Stefano Mancuso

Per un nuovo punto di vista sulle piante

Il neurobiologo e autore italiano Stefano Mancuso ci parla di “La Nazione delle Piante”, l’esposizione che presenterà in occasione della XXII edizione della Triennale di Milano, nel 2019.

Ritratto di Stefano Mancuso - Courtesy Broken Nature - XXII Triennale di Milano 2018

“Broken Nature” – l’attesissima 22a edizione della Triennale di Milano curata da Paola Antonelli – si terrà dal 1 marzo al 1 settembre 2019 nel capoluogo lombardo e sarà composta da una mostra tematica e da numerose partecipazioni nazionali. Tra di esse figurerà anche la nazione più popolosa del nostro pianeta: quella delle piante. Cosa sappiamo di loro? Cosa sono veramente? Possono aiutarci a progettare meglio?

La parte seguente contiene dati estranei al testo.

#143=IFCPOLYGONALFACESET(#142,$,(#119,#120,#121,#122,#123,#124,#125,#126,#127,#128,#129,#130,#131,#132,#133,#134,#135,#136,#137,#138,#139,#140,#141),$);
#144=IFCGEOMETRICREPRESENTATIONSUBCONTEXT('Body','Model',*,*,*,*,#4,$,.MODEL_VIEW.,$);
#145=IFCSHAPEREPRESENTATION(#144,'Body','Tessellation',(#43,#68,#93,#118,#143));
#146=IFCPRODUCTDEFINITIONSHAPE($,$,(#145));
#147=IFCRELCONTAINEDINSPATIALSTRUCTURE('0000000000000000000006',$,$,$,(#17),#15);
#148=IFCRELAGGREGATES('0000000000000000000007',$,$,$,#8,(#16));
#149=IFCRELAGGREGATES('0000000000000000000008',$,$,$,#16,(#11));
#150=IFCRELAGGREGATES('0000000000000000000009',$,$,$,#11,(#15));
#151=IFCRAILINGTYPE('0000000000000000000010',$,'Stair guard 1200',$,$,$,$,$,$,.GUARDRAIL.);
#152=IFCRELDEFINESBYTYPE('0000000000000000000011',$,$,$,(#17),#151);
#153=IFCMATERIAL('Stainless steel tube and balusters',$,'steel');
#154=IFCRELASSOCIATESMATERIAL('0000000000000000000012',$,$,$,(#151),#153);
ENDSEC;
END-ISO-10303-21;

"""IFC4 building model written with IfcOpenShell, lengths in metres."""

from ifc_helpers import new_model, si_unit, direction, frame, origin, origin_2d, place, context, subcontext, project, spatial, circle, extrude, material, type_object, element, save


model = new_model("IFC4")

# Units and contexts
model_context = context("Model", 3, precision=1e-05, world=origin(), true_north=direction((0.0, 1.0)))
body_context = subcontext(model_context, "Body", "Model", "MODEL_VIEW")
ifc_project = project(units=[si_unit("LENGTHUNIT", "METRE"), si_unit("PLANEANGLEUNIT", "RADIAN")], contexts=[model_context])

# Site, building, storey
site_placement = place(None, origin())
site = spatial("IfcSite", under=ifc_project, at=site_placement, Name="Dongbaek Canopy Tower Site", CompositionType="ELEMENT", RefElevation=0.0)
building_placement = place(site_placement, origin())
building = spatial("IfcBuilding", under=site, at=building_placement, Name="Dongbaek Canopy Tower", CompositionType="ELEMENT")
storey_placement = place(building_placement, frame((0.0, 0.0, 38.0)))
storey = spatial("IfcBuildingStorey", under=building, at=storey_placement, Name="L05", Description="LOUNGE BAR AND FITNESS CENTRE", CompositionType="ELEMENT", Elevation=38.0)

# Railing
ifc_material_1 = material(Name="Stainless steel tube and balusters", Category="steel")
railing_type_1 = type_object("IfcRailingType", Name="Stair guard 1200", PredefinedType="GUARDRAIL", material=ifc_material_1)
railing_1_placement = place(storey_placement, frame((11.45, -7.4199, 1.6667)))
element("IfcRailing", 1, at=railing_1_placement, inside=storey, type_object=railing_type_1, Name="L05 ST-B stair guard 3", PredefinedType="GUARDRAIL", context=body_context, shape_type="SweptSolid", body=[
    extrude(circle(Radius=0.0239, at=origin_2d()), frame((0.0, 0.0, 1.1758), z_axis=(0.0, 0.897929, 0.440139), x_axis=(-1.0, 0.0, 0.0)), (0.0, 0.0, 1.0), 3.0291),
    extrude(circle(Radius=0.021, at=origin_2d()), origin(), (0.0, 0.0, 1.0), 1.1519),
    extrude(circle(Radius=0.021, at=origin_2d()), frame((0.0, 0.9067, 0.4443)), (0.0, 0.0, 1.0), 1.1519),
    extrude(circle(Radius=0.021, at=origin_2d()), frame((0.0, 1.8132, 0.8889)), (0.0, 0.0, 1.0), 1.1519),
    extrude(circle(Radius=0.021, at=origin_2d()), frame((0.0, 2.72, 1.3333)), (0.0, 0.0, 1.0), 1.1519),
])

L’esposizione “La Nazione delle Piante”, curata dal neurobiologo e autore italiano Stefano Mancuso – la cui ricerca guarda all’intelligenza del mondo vegetale – tenterà di dare qualche risposta a queste domande, dimostrando quanto noi umani potremmo guadagnare dalla comprensione delle piante, aiutandoci potenzialmente a migliorare la nostra progettualità sia nell’ambito del design che in quello sociale.

Abbiamo intervistato Mancuso per comprendere più in profondità le tematiche su cui lavora e come le metterà in scena nella mostra.

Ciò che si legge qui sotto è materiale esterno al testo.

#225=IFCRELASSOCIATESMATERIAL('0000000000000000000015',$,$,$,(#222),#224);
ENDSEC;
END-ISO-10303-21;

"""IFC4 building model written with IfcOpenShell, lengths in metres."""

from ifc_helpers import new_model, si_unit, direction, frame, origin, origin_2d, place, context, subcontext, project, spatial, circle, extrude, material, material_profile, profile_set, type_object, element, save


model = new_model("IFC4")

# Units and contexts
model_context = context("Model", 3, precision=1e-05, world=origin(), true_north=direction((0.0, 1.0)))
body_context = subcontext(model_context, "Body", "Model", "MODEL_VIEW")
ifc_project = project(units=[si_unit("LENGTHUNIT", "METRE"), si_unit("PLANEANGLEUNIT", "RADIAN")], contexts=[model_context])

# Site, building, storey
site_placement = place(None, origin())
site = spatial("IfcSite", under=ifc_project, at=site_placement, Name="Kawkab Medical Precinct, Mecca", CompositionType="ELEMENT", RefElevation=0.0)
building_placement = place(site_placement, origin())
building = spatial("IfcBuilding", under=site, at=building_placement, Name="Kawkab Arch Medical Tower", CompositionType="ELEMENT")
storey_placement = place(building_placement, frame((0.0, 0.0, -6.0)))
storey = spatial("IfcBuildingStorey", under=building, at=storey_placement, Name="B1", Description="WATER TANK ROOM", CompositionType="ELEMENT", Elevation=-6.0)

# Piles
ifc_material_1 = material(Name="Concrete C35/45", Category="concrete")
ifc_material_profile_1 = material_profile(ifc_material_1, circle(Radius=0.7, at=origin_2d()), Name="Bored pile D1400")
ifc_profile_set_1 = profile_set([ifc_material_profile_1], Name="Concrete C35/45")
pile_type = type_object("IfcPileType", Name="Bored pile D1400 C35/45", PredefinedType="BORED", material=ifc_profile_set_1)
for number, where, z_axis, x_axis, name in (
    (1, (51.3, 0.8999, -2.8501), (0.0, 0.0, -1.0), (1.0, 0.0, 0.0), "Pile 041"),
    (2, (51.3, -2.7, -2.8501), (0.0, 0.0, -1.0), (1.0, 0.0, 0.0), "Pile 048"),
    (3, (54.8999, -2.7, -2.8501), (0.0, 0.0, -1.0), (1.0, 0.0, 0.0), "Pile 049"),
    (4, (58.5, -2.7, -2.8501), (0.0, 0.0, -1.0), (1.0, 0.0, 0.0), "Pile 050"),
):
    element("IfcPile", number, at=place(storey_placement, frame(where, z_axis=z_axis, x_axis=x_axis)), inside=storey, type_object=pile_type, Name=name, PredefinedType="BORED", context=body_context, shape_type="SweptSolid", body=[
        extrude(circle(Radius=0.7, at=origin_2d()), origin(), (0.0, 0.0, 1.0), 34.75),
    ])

Cosa dobbiamo aspettarci da “La Nazione delle Piante”? Quale l’approccio curatoriale che avete deciso di adottare?
“La Nazione delle Piante” è innanzitutto un tentativo di far comprendere cosa sono realmente le piante. Di base, infatti, quello che la maggioranza di noi pensa di sapere sul tema è quasi completamente sbagliato. Siamo convinti che siano esseri passivi, incapaci di fare alcunché; che abbiano solamente una funzione estetica e al massimo una qualche utilità alimentare; le vediamo sempre come mezzi e oggetti e mai come esseri viventi.

La mostra poi racconterà come funzionano le piante: come sono fatte; perché sono diverse dagli animali; a che tipo di organizzazione rispondono e come questa loro organizzazione è diffusa, deconcentrata e distribuita, diversamente da quella gerarchica e centralizzata degli animali. Ci permetterà di contestualizzarne proprietà e capacità, facendoci capire quanto siano moderne.

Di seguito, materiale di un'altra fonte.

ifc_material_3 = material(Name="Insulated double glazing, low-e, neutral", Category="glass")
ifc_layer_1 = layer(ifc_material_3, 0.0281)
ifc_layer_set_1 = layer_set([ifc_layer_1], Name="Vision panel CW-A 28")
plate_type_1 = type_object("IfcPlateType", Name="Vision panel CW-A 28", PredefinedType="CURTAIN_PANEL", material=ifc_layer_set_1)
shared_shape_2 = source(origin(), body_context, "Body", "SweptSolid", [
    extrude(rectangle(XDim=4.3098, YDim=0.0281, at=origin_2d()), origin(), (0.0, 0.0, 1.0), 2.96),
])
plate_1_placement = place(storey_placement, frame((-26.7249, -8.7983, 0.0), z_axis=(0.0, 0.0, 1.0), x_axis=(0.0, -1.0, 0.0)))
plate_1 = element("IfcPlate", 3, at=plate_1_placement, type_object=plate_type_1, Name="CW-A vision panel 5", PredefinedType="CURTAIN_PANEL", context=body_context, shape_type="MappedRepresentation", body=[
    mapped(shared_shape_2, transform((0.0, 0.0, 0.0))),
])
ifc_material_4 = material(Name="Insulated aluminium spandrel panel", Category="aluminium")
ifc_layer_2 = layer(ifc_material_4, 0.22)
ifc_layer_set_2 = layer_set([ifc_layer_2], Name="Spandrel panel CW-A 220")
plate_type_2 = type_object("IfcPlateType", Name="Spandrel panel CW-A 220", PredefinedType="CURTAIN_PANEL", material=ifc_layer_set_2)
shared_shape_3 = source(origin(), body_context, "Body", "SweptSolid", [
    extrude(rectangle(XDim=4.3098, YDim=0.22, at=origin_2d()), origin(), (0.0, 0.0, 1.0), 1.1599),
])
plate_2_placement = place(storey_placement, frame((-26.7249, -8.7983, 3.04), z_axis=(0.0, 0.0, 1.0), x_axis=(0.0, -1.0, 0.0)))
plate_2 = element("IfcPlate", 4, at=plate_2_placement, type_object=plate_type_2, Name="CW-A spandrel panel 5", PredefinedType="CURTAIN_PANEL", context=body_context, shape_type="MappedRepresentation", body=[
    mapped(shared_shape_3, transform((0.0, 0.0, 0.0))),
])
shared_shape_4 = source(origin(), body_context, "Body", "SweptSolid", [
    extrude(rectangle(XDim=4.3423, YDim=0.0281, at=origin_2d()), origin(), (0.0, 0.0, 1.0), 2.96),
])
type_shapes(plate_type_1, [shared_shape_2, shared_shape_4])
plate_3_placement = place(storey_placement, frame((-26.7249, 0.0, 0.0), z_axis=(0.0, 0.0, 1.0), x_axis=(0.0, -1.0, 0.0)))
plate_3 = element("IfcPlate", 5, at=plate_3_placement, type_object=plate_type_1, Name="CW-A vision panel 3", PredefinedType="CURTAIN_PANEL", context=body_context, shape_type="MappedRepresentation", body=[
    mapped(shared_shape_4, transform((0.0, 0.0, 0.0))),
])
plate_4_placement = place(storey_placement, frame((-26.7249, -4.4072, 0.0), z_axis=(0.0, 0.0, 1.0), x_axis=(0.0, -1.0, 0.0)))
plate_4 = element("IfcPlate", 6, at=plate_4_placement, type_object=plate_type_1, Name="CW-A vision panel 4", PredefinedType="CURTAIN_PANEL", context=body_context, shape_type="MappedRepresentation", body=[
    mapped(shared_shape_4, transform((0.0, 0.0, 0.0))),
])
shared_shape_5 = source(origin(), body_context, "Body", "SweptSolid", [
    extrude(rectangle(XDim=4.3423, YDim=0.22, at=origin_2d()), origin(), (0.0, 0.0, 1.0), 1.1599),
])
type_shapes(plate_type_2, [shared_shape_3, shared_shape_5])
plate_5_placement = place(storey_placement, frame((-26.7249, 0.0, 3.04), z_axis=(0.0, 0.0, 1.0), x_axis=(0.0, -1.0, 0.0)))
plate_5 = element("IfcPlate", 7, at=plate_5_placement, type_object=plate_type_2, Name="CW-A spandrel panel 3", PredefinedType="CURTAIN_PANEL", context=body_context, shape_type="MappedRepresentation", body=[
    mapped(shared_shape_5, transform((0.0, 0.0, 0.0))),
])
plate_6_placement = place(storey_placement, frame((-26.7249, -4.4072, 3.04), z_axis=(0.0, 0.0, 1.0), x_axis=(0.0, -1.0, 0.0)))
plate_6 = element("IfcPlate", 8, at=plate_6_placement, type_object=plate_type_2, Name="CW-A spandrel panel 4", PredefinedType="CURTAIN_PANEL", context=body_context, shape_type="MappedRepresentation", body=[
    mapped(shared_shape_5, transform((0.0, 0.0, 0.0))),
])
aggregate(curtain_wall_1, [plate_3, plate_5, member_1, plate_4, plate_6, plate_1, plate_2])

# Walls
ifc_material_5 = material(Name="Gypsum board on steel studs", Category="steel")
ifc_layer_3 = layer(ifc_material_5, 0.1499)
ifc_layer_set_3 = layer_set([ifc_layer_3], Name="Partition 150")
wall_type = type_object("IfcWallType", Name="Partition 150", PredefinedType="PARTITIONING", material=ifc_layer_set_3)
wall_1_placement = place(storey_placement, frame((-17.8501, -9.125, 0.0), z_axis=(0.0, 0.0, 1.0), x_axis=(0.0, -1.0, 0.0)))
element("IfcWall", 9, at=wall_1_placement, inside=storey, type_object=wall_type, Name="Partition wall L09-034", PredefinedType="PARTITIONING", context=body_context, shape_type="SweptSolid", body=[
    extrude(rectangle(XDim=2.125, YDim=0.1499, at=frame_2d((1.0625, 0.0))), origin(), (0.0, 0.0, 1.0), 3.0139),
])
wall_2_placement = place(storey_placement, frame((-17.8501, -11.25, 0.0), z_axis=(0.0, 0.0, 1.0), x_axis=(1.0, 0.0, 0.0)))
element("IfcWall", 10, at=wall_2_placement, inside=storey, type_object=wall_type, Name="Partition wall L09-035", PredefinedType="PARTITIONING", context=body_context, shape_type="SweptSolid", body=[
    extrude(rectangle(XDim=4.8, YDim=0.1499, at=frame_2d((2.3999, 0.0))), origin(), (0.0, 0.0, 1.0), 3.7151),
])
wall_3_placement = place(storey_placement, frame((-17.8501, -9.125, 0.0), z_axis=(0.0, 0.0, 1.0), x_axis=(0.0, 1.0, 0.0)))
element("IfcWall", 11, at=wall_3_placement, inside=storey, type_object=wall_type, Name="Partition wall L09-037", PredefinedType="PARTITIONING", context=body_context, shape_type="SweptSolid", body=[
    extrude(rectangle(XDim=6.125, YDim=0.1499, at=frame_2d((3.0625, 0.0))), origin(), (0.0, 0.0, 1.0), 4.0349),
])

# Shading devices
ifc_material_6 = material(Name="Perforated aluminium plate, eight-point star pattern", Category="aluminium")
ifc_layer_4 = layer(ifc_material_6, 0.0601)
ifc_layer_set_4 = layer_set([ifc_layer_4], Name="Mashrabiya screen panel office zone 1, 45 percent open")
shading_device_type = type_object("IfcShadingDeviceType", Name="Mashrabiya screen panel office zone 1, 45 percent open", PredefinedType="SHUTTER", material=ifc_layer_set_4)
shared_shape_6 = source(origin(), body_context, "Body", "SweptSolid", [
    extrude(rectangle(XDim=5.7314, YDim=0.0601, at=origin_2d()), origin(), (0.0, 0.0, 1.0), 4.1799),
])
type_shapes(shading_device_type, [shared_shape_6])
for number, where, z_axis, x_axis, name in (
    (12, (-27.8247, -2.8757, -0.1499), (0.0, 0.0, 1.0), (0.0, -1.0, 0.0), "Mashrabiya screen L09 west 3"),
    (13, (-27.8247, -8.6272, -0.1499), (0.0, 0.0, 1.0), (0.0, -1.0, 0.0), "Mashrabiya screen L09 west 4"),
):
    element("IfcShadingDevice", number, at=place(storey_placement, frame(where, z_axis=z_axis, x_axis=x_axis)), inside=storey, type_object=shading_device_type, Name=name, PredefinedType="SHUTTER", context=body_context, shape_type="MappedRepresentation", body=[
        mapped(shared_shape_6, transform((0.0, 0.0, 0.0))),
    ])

Pensiamo alle tecnologie che abbiamo sviluppato recentemente, da internet, alla blockchain, alle criptovalute: si basano tutte sulla decentralizzazione e sulla distribuzione. Il futuro è inevitabilmente legato a queste caratteristiche; un'organizzazione che non ha un unico centro fondamentale non può infatti essere arrestata e per forza di cose è destinata a crescere e prosperare.

Perché una nazione per le piante?
Il tutto è costruito come un paradosso. Alla XXII Triennale di Milano parteciperanno tante nazioni, ognuna con il suo padiglione che ne dimostrerà l’avanzamento tecnologico, intellettuale e filosofico. Abbiamo quindi deciso di considerare le piante come uno stato a sé stante che si presenterà con il proprio sistema di valori e competenze.

La mostra poi racconterà come funzionano le piante: come sono fatte; perché sono diverse dagli animali; a che tipo di organizzazione rispondono e come questa loro organizzazione è diffusa, deconcentrata e distribuita.

Negli ultimi mesi ha messo in scena varie installazioni interattive e sperimentali – come The Florence Experiment (Firenze, 2018) e Botanica tour (Italia, 2017) - che permettevano ai visitatori di apprendere di più riguardo alle piante. Dobbiamo aspettarci installazioni simili a Milano l’anno prossimo?
The Florence Experiment è stato un esperimento [molto riuscito, visti i circa 60.000 spettatori, NdR] di unire arte e scienza. L’idea era quella di riportare insieme due facce della stessa medaglia che per qualche strano motivo qualche secolo fa sono stati separati. Al giorno d’oggi stiamo capendo l’importanza della riunione di questi due elementi; essi non devono infatti escludersi a vicenda.

Con “La Nazione delle Piante” proveremo però qualcosa di diverso. Vogliamo presentare una nazione che non esiste; una nazione con la sua costituzione e le sue leggi, che funziona in maniera diversa dagli altri stati perché appartiene solo alle piante. Si tratta di una metafora ed è il tentativo di immaginare a cosa potrebbe assomigliare una nazione di uomini che si ispira al mondo vegetale.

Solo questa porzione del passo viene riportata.